Проводив неприятную гостью до того коридора, из которого она свернула, чтоб пройти на половину цесаревниной статс-дамы, с которой пани Стишинская давно вела знакомство, и где должна была ждать, чтоб за нею прислала та княгиня, при которой она в то время состояла в резидентках — по-русски, в приживалках, Лизавета вернулась к себе и уже нашла Ермилыча в том покое, служившем ей спальней, где она с ним сидела до прихода матери.

Многое понял он из подслушанного разговора, так много, что без глубокой жалости не мог смотреть на свою молодую приятельницу.

— Да, кума, тяжелый несешь ты крест! Дай-то, Господи, тебе его до конца донести, не спотыкаючись, — произнес он со вздохом.

Ни слова больше он не проронил на этот счет, но ей отрадно было его сочувствие, и она стала просить его остаться у нее все то время, которое он рассчитывал провести в Петербурге. При ее помещении была светелка, совсем в стороне, для сундуков и шкапов, никто туда не входит, кроме прислуживавшей ей из ее же крепостных и так ей преданной, что можно было вполне ей довериться.

— Да если я даже и цесаревне скажу, что кум у меня гостит, так и от нее за это выговора не получу, — прибавила она, ласкаясь к старику, на которого с ранних лет привыкла смотреть как на родного.

— Увидим, кума, увидим, надо сперва мне с твоим муженьком повидаться. Он всех больше мне в моем деле помочь может.

— А ты когда к нему собираешься? Если завтра — сегодня он, поди чай, с царем на охоте, — так хоть сегодня-то переночуй у меня.

— Чем скорей мне с ним переговорить, тем лучше.

— Ну, и для этого тебе идти отсюда не следует, здесь всегда известно, где царь… Вот и теперь, стоит только у которого-нибудь из свиты царской невесты спросить, им завсегда всякий шаг царя известен. Да мне и цесаревна скажет, если я спрошу.
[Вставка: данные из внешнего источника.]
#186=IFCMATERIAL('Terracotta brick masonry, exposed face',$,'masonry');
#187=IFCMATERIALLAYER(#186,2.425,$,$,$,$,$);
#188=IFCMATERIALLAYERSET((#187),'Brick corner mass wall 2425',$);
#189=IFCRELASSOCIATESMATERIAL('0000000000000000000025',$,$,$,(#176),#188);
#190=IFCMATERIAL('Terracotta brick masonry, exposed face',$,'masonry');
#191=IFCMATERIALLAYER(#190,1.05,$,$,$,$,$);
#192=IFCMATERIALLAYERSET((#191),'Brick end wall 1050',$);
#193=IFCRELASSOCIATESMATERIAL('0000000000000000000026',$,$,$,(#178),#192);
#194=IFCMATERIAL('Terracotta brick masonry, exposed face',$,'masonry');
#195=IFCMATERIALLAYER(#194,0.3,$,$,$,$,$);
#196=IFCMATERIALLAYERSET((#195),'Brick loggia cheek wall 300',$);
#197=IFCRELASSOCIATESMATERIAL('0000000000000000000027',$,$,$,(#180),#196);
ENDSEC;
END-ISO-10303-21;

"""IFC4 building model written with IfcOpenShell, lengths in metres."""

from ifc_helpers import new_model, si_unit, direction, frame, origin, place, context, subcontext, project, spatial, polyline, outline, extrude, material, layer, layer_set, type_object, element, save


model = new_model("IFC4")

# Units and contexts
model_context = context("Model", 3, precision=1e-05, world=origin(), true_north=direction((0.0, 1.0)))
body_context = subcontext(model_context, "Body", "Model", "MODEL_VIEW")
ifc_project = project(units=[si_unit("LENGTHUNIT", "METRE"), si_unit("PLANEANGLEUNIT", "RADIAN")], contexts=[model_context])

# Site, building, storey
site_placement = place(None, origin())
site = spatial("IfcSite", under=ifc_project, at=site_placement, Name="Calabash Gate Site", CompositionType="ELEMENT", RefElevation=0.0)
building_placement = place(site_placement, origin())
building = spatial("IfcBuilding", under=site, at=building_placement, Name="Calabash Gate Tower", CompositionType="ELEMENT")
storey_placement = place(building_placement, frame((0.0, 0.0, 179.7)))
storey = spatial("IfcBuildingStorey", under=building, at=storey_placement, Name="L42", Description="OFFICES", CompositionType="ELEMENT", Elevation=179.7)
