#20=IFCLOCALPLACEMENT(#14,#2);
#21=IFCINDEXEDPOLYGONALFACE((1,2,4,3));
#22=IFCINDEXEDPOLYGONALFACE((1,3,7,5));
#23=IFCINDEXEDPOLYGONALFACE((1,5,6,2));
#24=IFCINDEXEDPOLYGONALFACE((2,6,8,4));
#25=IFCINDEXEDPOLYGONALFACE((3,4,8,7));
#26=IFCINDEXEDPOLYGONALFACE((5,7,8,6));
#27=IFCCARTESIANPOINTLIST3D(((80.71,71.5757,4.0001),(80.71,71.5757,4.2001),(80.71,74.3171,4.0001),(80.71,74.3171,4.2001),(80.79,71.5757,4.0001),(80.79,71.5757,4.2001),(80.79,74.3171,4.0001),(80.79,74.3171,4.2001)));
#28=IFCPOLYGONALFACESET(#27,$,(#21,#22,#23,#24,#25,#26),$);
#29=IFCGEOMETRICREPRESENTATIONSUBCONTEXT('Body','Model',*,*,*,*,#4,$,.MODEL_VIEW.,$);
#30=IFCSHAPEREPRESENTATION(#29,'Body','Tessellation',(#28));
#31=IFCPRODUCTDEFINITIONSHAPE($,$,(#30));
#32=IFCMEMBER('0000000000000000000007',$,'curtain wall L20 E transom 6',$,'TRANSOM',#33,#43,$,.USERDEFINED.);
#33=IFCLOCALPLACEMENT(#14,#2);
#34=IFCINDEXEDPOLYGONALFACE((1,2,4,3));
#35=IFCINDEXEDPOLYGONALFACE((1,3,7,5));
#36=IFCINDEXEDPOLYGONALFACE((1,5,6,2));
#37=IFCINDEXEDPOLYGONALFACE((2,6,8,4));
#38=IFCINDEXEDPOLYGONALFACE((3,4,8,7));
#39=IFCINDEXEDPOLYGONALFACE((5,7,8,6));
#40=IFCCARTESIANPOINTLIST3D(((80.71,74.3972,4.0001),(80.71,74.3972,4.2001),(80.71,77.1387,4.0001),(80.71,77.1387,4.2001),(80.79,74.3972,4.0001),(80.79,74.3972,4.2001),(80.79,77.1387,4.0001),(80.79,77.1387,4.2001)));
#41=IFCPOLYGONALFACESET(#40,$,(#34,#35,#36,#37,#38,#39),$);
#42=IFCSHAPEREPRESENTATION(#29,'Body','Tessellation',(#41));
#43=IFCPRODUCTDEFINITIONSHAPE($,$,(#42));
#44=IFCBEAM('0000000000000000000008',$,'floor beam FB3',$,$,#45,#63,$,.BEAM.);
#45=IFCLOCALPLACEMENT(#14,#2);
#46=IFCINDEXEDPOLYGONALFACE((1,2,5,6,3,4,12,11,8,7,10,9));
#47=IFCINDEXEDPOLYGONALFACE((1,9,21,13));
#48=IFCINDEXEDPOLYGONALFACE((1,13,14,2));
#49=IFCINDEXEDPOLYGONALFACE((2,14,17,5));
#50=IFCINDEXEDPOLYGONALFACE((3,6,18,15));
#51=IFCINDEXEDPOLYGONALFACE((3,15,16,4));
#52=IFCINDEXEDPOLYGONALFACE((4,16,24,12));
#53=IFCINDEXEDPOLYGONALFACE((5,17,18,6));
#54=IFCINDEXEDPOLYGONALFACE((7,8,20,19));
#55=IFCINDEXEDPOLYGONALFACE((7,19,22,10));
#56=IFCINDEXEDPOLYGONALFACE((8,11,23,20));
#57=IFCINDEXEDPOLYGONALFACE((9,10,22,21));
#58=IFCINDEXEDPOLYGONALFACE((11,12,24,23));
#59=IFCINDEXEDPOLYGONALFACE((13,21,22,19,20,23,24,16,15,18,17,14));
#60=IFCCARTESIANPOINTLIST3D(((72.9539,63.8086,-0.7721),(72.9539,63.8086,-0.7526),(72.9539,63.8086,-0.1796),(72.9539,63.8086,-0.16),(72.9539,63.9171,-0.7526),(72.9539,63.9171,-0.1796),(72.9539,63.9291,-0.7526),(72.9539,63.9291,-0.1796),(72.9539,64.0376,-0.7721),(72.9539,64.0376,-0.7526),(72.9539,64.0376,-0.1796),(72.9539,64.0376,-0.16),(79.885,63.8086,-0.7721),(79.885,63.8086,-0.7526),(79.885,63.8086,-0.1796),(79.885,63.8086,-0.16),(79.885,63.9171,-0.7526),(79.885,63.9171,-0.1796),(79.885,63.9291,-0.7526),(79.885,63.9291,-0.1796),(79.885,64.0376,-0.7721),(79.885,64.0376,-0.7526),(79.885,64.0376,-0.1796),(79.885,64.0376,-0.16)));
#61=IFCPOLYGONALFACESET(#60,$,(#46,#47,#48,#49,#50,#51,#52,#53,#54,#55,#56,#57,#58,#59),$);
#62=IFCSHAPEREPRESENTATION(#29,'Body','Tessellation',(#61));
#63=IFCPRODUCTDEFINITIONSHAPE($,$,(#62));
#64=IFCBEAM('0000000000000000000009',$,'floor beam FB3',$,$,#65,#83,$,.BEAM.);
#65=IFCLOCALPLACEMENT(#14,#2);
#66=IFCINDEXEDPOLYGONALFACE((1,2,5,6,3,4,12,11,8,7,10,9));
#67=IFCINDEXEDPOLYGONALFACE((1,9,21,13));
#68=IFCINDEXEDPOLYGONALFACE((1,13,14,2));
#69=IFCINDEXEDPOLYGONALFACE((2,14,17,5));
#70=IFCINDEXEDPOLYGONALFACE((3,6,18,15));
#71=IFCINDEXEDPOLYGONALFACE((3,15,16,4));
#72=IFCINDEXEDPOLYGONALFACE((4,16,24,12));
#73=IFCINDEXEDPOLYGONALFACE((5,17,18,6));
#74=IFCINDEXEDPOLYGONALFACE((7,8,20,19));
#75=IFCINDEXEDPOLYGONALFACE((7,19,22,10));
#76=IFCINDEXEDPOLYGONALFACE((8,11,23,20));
Такая она добрая да приветливая, что, кажется, душу бы за нее отдала! — прибавила она печально. — Кабы все ее так любили, как я!
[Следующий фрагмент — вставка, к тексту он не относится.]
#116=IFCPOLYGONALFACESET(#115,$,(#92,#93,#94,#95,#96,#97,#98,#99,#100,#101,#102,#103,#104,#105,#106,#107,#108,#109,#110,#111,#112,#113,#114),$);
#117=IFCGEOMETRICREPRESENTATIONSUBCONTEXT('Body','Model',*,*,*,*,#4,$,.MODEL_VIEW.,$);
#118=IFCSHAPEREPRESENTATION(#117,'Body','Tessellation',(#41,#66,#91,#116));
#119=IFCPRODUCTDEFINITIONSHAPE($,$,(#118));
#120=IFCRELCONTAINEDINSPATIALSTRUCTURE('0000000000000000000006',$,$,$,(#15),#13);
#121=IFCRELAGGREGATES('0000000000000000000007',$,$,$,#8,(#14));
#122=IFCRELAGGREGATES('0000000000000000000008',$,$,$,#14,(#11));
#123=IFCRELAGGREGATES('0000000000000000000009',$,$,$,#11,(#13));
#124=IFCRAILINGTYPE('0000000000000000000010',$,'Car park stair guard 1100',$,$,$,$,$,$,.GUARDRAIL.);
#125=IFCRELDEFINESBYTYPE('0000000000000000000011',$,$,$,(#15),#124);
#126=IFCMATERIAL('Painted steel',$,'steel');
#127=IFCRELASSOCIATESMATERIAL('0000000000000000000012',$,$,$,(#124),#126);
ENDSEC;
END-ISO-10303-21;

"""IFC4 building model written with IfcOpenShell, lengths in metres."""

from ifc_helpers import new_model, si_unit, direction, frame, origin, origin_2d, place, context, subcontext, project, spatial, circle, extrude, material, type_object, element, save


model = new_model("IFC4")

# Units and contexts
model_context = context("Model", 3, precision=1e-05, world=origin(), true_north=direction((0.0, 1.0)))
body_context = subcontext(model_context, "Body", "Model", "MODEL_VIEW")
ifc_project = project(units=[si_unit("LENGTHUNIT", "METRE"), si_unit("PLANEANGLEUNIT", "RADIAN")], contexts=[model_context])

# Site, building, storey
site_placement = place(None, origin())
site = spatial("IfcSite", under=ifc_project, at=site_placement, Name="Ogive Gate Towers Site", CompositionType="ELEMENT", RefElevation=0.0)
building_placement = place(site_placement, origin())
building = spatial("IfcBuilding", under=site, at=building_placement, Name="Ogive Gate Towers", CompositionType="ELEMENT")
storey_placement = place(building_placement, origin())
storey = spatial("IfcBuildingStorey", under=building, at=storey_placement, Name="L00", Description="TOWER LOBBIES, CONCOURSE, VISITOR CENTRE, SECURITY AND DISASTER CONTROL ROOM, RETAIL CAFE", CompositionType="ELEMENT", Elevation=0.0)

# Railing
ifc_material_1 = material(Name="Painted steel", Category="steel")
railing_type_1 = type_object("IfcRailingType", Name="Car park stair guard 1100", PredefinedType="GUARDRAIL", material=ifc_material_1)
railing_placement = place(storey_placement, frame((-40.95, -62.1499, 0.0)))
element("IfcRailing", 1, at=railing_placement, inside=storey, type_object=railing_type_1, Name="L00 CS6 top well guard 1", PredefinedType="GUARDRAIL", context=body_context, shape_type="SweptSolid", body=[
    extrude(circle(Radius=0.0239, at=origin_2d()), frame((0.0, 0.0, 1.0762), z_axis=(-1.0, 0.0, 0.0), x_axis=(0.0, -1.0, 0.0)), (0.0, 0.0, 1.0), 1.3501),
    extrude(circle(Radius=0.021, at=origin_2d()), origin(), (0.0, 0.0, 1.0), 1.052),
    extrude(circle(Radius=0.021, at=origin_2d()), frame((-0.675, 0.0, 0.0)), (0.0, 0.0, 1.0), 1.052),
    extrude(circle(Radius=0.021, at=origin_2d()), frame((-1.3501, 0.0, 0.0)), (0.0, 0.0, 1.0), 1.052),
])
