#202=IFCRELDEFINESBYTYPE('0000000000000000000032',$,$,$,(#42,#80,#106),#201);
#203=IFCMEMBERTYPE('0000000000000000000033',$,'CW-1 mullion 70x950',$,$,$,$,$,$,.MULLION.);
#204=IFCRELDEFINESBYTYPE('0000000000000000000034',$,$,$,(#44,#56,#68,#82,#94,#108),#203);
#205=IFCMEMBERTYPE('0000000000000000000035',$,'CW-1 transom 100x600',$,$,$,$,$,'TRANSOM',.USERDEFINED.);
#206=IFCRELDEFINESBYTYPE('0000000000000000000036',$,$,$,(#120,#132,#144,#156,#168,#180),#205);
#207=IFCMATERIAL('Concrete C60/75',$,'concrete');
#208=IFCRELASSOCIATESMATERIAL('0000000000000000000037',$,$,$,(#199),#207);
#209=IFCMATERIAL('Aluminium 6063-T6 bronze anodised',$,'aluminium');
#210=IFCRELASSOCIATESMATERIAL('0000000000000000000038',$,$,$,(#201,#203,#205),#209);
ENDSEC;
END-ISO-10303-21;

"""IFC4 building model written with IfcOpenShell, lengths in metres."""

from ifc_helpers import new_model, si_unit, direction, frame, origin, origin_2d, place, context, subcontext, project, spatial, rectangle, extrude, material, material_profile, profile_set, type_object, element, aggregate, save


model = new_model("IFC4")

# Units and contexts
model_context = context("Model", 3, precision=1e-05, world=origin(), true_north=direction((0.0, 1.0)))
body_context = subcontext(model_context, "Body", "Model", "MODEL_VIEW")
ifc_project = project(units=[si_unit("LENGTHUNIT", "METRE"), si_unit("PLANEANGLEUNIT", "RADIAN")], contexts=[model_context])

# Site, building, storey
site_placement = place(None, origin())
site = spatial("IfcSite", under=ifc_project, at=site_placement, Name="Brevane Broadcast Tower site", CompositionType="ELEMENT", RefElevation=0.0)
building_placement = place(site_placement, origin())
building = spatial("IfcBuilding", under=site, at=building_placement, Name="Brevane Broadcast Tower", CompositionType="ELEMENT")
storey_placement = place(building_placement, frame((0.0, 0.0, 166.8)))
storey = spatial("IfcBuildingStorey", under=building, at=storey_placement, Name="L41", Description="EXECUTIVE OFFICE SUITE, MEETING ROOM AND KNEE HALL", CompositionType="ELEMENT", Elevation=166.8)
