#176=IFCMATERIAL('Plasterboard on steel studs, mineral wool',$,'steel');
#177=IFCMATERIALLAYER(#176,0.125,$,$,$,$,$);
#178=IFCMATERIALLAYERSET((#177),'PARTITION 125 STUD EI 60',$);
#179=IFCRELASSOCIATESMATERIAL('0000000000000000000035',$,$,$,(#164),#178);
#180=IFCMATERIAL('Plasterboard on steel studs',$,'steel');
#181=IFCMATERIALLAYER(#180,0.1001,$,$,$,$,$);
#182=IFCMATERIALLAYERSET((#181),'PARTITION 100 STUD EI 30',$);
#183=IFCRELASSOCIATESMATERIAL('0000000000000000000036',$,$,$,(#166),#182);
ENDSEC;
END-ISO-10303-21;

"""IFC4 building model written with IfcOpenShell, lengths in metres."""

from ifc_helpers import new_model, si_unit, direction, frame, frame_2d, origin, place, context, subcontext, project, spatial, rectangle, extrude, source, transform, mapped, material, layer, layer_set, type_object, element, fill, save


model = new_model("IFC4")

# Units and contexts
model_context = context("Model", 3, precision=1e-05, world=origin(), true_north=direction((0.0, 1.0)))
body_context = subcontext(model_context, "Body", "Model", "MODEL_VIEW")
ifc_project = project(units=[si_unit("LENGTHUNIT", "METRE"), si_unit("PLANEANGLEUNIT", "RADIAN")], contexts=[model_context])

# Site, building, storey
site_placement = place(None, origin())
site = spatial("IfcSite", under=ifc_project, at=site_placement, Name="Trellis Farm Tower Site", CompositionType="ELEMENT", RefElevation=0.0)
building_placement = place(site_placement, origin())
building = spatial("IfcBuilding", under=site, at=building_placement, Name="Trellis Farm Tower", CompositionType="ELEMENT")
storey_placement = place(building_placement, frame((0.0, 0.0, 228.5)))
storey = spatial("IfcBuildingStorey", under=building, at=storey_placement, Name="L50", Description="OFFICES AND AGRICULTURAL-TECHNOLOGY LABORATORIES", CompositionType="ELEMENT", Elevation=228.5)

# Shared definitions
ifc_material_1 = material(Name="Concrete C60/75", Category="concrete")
— Что ж она так долго не уезжает? Когда я во дворе дожидался, как к тебе пройти, там народ говорил, что уже лошадей ей выводят, чтоб на охоту ехать.

— Лошадей-то вывели, да как приехал граф Александр Борисович да переговорил с нею, приказано было их расседлать: раздумали на охоту ехать. А тут царская невеста пожаловала и до сих пор здесь, видно, и к обеду нашей красавице не поспеть… Ну а ты мне тем временем про сыночка моего расскажи да про всех моих милых, московских… Поверишь ли, как я об них соскучилась!
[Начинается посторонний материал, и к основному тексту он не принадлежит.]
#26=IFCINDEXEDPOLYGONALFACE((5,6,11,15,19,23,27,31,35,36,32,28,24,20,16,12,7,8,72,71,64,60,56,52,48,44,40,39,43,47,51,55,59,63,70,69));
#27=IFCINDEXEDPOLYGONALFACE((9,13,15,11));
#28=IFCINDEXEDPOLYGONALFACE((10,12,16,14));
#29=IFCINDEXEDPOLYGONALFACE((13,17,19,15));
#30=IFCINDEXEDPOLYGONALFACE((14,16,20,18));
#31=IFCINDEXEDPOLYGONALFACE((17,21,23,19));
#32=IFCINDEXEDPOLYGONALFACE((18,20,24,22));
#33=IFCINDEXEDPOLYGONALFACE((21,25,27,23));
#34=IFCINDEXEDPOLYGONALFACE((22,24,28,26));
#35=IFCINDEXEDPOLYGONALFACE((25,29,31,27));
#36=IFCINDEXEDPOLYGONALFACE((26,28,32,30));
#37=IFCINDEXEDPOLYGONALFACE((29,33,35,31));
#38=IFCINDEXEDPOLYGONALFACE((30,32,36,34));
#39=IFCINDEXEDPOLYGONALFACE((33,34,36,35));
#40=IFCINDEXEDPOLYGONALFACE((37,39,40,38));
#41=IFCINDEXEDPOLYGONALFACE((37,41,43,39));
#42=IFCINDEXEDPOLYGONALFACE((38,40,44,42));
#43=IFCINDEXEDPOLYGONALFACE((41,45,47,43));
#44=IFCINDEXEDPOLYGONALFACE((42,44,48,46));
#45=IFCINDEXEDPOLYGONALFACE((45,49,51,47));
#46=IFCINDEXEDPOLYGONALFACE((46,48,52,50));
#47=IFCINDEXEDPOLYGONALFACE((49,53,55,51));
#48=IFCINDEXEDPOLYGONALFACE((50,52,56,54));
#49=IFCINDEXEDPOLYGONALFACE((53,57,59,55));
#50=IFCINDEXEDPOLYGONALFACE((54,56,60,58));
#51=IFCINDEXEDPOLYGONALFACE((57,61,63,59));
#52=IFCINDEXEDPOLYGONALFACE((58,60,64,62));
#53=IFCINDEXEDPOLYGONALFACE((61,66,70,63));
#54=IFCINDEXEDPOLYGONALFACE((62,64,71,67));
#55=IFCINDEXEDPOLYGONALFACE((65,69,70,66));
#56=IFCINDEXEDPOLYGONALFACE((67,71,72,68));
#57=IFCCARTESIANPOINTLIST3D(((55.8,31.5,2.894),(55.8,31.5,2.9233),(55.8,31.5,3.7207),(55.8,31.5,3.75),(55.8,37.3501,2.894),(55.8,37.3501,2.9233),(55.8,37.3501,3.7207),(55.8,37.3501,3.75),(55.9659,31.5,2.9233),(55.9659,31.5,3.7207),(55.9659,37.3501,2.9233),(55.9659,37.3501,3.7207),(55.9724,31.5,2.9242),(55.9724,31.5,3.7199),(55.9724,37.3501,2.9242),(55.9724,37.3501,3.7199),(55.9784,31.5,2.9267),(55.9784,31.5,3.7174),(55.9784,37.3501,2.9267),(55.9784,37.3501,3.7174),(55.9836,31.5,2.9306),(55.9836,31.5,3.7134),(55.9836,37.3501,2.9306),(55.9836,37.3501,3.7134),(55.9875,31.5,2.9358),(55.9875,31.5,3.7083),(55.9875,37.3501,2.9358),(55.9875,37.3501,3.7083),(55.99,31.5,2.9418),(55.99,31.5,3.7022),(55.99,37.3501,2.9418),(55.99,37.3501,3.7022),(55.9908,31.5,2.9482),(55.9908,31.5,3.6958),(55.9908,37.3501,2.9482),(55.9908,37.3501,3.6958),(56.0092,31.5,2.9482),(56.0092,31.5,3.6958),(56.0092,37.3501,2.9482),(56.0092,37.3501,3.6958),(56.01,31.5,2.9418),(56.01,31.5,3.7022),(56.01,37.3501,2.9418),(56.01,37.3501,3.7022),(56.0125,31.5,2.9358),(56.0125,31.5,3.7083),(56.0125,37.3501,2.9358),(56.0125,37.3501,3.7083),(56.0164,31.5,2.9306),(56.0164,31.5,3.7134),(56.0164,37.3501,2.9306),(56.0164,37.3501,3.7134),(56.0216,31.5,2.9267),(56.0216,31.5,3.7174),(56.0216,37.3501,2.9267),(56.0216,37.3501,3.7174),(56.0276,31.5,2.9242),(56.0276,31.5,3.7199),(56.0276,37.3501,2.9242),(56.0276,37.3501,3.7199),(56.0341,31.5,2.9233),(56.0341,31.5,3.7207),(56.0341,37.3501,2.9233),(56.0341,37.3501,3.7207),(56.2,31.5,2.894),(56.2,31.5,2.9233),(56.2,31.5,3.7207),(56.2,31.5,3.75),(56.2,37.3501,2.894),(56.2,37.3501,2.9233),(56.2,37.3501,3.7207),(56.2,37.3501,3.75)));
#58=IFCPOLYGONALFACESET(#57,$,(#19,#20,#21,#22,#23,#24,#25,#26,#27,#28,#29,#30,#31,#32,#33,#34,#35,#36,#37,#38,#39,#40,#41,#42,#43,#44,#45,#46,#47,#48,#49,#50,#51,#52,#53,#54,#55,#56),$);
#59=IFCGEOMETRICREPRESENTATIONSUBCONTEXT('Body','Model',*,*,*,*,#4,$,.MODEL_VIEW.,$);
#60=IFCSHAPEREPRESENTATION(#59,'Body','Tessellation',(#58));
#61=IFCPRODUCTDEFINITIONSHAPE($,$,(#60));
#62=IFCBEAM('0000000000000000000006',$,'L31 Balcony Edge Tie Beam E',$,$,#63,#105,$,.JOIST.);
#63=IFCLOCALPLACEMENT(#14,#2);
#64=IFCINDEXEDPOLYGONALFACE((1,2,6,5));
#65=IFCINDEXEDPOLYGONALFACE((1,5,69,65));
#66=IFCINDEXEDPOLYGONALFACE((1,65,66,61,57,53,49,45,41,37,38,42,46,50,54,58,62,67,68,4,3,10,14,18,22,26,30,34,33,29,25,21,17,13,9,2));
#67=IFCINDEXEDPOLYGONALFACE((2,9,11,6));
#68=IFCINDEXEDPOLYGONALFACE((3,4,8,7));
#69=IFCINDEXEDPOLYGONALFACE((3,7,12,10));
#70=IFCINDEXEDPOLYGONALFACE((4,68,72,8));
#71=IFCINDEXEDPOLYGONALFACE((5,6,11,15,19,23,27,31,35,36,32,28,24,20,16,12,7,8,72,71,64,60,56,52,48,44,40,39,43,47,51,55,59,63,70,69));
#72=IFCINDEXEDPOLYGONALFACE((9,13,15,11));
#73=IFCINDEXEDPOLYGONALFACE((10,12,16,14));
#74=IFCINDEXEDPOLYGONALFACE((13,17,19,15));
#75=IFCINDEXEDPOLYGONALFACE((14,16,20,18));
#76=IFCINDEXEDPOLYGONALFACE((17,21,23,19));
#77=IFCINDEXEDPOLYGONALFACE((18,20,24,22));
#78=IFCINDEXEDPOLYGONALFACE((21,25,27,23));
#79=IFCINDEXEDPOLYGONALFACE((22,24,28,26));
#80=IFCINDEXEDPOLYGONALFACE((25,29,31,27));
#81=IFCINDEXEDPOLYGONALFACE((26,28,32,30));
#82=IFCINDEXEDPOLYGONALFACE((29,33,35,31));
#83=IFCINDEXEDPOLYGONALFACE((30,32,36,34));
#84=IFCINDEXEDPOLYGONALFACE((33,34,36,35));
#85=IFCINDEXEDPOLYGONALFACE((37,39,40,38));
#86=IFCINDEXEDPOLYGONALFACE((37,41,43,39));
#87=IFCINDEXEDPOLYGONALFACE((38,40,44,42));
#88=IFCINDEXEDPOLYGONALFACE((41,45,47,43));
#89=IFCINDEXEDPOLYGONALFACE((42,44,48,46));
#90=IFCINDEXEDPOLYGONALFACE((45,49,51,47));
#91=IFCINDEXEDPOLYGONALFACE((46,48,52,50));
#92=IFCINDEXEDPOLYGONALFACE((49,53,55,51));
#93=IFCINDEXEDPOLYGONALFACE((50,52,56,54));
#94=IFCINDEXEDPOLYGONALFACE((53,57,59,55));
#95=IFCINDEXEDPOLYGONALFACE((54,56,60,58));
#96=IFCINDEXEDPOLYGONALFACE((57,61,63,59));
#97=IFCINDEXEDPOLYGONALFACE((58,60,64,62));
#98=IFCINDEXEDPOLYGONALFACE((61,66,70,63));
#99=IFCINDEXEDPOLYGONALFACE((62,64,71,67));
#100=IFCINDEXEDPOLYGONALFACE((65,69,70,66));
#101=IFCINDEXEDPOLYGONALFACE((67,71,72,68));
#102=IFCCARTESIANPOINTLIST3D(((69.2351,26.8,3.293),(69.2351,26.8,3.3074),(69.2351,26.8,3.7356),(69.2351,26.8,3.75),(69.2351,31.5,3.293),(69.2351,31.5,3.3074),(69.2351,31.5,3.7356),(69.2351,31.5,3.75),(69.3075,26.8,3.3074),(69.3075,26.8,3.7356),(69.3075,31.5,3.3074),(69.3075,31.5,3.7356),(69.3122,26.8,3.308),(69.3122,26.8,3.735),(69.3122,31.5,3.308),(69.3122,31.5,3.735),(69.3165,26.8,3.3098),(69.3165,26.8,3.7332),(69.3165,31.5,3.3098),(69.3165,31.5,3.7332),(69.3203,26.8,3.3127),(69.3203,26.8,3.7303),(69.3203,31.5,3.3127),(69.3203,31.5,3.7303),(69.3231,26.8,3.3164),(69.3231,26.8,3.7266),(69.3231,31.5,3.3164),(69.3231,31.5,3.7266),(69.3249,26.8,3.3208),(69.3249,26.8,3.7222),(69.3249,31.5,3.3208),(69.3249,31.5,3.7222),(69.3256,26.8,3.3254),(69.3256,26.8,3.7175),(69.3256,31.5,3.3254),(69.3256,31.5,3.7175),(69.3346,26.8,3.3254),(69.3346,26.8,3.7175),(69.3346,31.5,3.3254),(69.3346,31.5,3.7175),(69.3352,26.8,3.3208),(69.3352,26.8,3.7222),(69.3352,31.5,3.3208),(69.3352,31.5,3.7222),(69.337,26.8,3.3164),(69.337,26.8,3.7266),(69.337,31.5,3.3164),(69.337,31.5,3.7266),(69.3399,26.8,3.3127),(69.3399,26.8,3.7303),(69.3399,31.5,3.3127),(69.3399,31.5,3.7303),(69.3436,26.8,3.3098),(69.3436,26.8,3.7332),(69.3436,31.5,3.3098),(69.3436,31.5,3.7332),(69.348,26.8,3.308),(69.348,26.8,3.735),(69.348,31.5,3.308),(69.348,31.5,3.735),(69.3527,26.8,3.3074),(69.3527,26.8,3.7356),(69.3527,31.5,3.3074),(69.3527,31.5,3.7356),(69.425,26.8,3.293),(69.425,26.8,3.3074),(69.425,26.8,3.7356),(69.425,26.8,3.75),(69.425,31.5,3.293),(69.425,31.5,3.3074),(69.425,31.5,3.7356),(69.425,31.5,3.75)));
Однако долго слушать про своих милых Лизавете не пришлось: ее позвали к цесаревне, и, узнав от посланца, что гости уже разъехались и что цесаревна одна с Маврой Егоровной в своей уборной, Праксина поспешила пойти к ней, еще раз повторив Ермилычу, чтоб у нее остался.

Дворец опустел. Не дождавшись цесаревны, собравшаяся к воротам и во дворе толпа, чтоб взглянуть на нее, разошлась, проводив довольно недоброжелательными взглядами и оскорбительными замечаниями бедную царскую невесту, разделявшую вместе со всей семьей непопулярность отца, которому уж давно, еще при жизни царя Петра, приписывали многие невзгоды, обрушивавшиеся на родину: начиная от бунтов в Малороссии и кончая возведением на престол покойной императрицы, столь мало имевшей на это прав и так плохо пользовавшейся властью во время своего кратковременного владычества. Теперь же злобились на него за то, что изловчился подбиться к сыну подведенного им же под муки Алексея, чтоб именем его управлять государством в свою пользу. Всем было известно, как мало был расположен царь к навязанной ему насильно невесте, и все ждали катастрофы, когда Петр Алексеевич решится сбросить с себя всем ненавистное иго временщика.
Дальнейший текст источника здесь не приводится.